# Winterize Sprayer?



## MrWink (Nov 1, 2019)

My little Tritech is my baby. Grown really fond of it, I love my Lil' T7! The thought never crossed my mind, before. What should I do before I put it in the pole barn for the winter? Doubt I'll be doing any spraying over the winter. I could store it in the basement, but my wife doesn't appreciate it as much as I do. Maybe I need to make more money...She would appreciate it, or I could afford to keep the pole barn heated throughout the winter? Make more is probably the answer, but, it's too late in the year for that. I'll make more next year, I promise! So, in a pinch, what is the best way to winterize my little baby?


----------



## Gracobucks (May 29, 2011)

It would be best if you kept it in your basement, but if you want to leave it in a unheated barn, run paint thinner or RV winterizing fluid through it. Window washing fluid for cars would work as well but make sure it's not summer fluid.


----------



## RH (Sep 7, 2010)

Graco makes an antifreeze just for sprayers. But if you use it, be careful around pets. It can be deadly for them just like regular antifreeze. I have a a $2300 vet bill around somewhere to prove it.


----------



## cocomonkeynuts (Apr 14, 2017)

graco/asm, tritech make special pump storage fluid which is mostly proplyene glycol. You can use food grade proplyene glycol if you want to make sure its safe around pets. I just use the cheap car antifreeze. RV antifreeze is alcohol based.


----------



## MrWink (Nov 1, 2019)

Thanks for the info. I ran mineral spirits through it, thinking that would work. I was second guessing that decision yesterday. Glad I asked!


----------



## Lightningboy65 (Mar 12, 2018)

The storage fluids sold under the sprayer manufacture names are more expensive...$8.00/ qt is the cheapest I could find it. RV anti-freeze is about $4.00/gal, cheap thinner about the same. They all will work.

Thinner is cheap and what I always had on hand...so it's what I use.

I agree it's best to store in a heated environment if possible.


----------



## cocomonkeynuts (Apr 14, 2017)

Lightningboy65 said:


> The storage fluids sold under the sprayer manufacture names are more expensive...$8.00/ qt is the cheapest I could find it.
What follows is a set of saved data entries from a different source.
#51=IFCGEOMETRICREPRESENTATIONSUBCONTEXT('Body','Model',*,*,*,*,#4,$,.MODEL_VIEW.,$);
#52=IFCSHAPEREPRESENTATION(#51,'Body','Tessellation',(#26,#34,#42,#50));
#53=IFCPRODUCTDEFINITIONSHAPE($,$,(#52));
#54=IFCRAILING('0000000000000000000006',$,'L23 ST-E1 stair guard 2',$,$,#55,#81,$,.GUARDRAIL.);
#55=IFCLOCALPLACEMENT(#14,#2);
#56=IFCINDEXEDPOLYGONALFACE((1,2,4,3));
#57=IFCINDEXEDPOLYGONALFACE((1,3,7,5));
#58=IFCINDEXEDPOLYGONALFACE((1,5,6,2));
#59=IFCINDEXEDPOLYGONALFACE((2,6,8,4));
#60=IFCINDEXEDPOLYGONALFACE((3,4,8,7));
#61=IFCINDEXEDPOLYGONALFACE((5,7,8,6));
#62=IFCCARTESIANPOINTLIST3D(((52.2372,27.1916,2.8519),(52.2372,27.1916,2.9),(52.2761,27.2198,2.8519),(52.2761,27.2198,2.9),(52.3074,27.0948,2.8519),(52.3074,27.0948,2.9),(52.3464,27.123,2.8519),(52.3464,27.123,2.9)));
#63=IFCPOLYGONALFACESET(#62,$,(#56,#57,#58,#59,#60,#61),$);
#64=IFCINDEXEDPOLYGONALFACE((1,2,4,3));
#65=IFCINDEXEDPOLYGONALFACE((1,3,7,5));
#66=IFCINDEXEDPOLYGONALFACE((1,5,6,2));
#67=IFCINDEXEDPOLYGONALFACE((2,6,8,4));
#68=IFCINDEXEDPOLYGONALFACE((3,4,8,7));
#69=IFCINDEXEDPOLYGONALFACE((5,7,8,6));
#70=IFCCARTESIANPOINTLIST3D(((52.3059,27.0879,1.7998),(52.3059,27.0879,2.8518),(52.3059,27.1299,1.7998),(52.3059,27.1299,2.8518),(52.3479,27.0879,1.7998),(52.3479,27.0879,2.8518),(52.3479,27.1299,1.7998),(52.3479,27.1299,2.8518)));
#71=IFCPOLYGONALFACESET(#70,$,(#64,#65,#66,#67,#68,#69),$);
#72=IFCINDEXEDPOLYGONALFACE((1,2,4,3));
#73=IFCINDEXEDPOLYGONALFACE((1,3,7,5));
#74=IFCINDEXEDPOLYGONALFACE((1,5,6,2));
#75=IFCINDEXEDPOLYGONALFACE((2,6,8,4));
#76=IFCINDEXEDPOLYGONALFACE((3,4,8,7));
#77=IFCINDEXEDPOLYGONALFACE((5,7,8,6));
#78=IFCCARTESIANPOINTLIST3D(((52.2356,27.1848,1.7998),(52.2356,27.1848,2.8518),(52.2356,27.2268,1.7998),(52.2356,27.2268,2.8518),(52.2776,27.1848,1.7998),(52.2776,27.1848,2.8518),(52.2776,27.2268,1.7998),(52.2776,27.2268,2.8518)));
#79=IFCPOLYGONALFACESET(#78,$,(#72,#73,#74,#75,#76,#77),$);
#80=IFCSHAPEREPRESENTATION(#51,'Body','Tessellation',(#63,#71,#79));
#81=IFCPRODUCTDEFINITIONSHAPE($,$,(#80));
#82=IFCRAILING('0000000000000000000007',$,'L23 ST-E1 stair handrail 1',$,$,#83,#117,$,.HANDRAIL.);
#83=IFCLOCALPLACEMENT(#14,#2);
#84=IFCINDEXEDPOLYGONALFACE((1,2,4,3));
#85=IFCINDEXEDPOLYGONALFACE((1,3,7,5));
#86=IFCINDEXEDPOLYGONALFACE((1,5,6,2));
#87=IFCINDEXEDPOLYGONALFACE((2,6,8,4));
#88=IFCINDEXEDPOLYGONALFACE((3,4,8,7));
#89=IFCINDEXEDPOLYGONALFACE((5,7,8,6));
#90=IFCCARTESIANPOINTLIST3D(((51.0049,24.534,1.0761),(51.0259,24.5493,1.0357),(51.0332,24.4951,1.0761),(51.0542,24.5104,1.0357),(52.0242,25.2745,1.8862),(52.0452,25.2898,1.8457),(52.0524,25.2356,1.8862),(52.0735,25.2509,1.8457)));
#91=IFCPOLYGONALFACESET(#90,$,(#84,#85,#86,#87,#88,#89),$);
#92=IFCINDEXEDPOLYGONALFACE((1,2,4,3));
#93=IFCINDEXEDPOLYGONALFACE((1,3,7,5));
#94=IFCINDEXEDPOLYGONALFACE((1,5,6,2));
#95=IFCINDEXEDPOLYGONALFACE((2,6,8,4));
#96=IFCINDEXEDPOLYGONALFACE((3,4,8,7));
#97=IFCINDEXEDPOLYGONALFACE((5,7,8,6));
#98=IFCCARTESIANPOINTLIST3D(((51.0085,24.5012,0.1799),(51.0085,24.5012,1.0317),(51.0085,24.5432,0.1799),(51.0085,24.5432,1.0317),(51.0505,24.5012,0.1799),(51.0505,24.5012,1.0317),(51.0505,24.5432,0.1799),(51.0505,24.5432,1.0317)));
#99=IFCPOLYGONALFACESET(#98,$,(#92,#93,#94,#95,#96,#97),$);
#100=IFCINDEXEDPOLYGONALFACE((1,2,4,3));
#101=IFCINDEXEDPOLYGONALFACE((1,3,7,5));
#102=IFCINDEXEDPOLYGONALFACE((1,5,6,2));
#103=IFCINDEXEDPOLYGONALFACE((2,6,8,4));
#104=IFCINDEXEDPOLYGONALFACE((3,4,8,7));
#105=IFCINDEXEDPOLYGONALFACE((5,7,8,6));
RV anti-freeze is about $4.00/gal, cheap thinner about the same. They all will work.
> 
> Thinner is cheap and what I always had on hand...so it's what I use.
> 
> I agree it's best to store in a heated environment if possible.



proplyene glycol is a good option because its pet/food safe and water soluble. I try to avoid thinner because I don't like cleaning it out of the pump and disposing of it after.


----------



## Lightningboy65 (Mar 12, 2018)

cocomonkeynuts said:


> proplyene glycol is a good option because its pet/food safe and water soluble. I try to avoid thinner because I don't like cleaning it out of the pump and disposing of it after.
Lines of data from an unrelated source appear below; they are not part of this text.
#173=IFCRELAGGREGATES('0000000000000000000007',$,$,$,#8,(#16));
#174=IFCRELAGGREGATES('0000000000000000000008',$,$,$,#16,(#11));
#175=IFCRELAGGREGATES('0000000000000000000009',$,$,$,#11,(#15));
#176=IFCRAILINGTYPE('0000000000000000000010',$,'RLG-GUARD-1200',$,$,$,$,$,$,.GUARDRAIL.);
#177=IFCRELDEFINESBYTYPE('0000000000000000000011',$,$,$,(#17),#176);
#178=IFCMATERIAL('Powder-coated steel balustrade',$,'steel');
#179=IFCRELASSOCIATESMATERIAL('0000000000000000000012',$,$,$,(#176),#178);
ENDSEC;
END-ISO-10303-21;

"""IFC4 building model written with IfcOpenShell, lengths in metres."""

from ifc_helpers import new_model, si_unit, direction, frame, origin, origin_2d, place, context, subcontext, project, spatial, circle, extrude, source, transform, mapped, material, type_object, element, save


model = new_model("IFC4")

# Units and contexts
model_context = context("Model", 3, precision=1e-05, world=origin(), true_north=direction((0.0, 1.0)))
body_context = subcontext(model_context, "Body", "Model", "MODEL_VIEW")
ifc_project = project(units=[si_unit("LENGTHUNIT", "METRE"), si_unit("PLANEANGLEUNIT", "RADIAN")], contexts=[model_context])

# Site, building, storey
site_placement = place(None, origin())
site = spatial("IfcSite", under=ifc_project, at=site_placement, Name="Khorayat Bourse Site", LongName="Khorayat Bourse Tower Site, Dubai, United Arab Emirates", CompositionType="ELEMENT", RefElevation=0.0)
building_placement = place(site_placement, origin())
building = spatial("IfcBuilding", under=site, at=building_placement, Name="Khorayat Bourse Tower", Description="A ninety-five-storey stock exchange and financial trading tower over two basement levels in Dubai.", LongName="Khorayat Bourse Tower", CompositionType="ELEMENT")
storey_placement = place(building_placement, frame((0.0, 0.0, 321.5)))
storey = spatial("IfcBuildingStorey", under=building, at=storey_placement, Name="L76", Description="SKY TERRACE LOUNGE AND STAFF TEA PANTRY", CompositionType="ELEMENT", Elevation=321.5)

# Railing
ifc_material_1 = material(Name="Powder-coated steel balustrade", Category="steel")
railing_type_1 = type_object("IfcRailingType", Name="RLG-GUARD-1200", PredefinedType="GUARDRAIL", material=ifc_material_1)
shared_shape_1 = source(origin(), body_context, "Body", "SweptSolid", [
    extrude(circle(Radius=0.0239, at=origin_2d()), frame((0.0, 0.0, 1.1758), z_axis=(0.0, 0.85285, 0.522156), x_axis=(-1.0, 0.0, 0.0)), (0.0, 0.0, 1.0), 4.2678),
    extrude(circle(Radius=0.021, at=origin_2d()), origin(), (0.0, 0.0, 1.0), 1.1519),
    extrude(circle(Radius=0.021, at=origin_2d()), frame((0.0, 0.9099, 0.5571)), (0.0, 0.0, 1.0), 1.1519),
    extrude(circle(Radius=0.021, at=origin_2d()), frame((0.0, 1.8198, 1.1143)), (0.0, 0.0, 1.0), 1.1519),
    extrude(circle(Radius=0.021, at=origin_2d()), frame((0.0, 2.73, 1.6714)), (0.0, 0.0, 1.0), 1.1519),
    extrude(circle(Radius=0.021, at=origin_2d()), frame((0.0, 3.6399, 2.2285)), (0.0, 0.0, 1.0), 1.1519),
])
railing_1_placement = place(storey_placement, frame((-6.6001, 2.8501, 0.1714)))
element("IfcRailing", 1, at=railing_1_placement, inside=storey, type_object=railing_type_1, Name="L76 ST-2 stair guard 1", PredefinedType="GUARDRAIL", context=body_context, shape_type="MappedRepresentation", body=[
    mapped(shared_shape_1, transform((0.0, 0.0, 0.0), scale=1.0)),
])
Don't dispose of the thinner...that stuff is pretty clean coming out of the sprayer and can be reused. We recycled our thinner for years. Good for the environment and the wallet.

I agree it's not as environmentally friendly as PG, but since already on hand it is more coveinient.


----------



## PNW Painter (Sep 5, 2013)

Several years ago I attended a PDCA class about sprayer maintenance. The Titan Rep and a mechanic from a local repair company that were teaching the class both recommended RV anti-freeze.
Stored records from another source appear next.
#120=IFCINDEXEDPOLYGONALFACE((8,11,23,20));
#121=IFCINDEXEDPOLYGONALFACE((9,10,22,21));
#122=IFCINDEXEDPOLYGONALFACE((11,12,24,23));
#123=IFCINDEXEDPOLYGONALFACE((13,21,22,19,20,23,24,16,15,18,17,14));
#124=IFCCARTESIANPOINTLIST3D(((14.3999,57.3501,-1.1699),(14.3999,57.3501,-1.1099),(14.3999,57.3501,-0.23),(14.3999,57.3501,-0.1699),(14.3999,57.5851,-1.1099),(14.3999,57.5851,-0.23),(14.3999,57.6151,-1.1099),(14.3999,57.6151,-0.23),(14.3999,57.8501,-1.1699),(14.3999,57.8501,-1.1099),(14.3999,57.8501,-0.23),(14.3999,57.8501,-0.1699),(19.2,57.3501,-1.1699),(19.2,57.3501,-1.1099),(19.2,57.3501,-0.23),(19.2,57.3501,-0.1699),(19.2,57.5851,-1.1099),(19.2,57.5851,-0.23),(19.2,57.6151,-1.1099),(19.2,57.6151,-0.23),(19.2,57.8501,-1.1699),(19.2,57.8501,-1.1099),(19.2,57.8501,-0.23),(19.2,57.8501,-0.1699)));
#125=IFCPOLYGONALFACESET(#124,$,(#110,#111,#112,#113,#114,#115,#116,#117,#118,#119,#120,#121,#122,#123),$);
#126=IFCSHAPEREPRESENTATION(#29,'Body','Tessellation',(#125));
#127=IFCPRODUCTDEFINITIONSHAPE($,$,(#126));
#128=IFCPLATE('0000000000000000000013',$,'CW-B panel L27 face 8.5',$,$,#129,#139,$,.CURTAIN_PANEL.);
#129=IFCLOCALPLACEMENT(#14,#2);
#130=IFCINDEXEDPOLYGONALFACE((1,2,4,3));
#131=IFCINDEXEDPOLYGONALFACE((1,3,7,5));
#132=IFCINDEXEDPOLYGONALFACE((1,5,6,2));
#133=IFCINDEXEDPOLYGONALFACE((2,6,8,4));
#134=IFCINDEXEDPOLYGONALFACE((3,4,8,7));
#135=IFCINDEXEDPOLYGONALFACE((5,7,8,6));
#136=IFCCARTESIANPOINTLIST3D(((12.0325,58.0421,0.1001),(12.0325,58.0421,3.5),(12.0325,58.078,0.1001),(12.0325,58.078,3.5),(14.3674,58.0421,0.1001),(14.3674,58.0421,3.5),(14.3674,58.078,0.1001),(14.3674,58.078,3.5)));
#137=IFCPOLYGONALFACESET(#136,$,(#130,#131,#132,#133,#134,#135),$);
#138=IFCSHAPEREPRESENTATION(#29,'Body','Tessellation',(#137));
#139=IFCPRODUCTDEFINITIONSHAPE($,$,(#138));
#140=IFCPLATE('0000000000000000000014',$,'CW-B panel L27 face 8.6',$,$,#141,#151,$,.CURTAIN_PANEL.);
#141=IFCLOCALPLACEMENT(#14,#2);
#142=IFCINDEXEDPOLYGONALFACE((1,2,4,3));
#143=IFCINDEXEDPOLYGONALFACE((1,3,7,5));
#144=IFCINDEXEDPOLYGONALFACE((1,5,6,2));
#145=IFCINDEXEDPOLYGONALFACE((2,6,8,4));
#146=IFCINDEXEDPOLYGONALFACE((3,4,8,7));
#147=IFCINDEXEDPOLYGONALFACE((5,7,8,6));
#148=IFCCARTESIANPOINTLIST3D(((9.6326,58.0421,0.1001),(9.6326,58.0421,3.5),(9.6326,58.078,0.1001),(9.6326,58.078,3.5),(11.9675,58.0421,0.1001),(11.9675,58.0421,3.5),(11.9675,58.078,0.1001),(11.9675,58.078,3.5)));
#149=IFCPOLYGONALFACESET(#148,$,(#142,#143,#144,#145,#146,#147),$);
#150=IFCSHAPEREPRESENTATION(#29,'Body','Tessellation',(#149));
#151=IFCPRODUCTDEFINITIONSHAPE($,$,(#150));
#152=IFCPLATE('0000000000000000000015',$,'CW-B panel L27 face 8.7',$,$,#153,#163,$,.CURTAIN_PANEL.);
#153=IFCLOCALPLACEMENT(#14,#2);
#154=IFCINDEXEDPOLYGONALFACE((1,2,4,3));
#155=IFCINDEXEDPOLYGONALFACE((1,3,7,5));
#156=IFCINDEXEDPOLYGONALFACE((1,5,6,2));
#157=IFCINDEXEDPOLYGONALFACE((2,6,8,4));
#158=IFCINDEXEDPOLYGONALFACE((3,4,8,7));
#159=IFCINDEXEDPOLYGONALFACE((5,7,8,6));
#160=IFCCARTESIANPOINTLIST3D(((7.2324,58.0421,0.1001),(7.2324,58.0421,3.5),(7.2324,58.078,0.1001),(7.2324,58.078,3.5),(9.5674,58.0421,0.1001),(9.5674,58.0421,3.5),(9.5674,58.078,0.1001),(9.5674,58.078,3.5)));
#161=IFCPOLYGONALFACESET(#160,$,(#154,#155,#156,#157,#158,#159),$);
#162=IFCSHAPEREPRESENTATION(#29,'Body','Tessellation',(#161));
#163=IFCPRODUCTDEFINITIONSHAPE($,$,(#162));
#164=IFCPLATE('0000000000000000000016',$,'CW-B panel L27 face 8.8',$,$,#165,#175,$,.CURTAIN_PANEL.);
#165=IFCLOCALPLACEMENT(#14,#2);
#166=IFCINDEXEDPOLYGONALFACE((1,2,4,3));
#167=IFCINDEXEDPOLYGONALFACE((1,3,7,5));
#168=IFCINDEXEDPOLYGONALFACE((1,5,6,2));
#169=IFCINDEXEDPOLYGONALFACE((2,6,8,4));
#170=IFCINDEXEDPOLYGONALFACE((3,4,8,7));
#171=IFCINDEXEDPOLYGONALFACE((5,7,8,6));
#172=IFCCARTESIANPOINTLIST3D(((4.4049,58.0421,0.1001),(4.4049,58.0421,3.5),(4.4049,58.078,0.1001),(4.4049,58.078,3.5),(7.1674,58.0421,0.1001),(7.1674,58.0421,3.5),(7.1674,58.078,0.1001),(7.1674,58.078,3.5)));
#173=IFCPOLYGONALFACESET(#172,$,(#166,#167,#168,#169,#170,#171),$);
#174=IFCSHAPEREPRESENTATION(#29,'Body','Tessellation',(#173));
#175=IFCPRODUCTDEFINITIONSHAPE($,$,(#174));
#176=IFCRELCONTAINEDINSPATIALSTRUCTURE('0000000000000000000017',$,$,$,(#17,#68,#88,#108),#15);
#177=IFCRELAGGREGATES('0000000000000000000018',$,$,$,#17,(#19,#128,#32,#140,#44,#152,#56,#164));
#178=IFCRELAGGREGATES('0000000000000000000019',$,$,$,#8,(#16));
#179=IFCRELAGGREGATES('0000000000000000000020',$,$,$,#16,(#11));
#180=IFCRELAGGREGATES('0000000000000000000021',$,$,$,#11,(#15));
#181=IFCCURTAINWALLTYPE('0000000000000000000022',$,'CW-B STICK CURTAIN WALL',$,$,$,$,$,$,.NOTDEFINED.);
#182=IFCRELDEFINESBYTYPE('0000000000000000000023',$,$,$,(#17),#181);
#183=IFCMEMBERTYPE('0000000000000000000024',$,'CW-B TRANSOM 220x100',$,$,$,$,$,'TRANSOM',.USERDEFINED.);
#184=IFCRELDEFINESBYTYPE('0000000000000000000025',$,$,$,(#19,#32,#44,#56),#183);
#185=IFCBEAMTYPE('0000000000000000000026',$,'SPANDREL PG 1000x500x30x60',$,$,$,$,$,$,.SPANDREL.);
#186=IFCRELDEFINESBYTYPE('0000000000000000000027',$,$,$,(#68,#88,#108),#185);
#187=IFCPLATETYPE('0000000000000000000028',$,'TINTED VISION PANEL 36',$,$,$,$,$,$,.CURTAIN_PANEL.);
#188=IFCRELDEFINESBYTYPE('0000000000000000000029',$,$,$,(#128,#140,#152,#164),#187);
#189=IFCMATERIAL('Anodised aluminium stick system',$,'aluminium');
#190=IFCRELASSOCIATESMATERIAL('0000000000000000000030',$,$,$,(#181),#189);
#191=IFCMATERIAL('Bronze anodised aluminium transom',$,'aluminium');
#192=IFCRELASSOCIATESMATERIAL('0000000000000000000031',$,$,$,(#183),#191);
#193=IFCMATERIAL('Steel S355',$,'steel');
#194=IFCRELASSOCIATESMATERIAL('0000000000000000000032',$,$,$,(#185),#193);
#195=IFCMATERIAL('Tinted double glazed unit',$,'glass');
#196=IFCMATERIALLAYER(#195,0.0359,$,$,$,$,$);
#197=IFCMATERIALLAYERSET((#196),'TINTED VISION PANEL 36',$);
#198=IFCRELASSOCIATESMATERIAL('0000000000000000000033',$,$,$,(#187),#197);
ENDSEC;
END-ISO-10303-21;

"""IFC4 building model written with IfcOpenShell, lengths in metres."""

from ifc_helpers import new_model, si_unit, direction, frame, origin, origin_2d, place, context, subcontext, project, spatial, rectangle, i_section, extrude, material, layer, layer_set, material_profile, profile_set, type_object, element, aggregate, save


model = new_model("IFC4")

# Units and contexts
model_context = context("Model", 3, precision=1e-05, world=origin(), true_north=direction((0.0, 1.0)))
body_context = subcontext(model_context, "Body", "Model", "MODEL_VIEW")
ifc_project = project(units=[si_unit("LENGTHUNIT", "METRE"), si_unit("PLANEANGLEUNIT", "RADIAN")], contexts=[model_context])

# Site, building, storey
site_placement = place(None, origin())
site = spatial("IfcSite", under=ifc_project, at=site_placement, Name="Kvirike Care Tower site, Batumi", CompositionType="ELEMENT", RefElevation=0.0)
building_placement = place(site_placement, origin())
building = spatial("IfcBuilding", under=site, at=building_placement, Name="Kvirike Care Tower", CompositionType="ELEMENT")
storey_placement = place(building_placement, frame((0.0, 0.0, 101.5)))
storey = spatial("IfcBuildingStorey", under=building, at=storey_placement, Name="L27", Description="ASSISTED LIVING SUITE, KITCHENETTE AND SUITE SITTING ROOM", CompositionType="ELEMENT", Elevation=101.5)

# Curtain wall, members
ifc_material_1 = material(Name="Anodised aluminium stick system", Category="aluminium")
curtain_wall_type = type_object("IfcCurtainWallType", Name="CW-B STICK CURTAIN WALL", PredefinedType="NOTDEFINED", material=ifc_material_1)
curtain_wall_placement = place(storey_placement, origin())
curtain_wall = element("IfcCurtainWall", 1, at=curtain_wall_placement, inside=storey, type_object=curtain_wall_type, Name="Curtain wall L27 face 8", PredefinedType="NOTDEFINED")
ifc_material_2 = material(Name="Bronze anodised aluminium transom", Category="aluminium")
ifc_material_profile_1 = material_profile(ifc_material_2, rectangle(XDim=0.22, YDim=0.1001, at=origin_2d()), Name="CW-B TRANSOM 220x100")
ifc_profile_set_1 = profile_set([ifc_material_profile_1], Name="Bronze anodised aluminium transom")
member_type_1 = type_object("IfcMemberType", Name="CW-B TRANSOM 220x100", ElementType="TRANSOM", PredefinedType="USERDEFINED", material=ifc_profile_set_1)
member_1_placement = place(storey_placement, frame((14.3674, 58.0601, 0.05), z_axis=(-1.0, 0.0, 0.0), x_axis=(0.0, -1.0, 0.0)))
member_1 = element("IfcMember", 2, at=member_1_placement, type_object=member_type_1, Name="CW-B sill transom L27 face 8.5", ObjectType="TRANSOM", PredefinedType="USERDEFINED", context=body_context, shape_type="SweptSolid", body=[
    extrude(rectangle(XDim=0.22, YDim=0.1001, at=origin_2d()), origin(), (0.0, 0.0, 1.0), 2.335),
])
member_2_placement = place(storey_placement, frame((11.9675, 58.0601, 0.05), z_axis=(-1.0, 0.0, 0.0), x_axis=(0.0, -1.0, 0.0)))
I’ve been using RV anti-freeze in my pumps for about 5 years with no known issues. Even in the summer I’ll clean my pumps and then cycle some RV anti-freeze before I put them away. 

The Titan rep didn’t recommend leaving water in your pump for more than a couple days, because water can corrode aluminum parts inside your pump.


Sent from my iPhone using Tapatalk


----------



## cocomonkeynuts (Apr 14, 2017)

PNW Painter said:


> Several years ago I attended a PDCA class about sprayer maintenance. The Titan Rep and a mechanic from a local repair company that were teaching the class both recommended RV anti-freeze.
> 
> I’ve been using RV anti-freeze in my pumps for about 5 years with no known issues. Even in the summer I’ll clean my pumps and then cycle some RV anti-freeze before I put them away.
> 
> ...



Not sure about titan but I don't believe graco pumps have any wetted parts that are aluminum. Usually they are stainless or tungsten carbide.


----------



## PNW Painter (Sep 5, 2013)

To be honest I have no idea if they have any aluminum parts that are wetted? I’ve tried to take the advice that it’s a best practice to not leave water in my pumps for long periods of time.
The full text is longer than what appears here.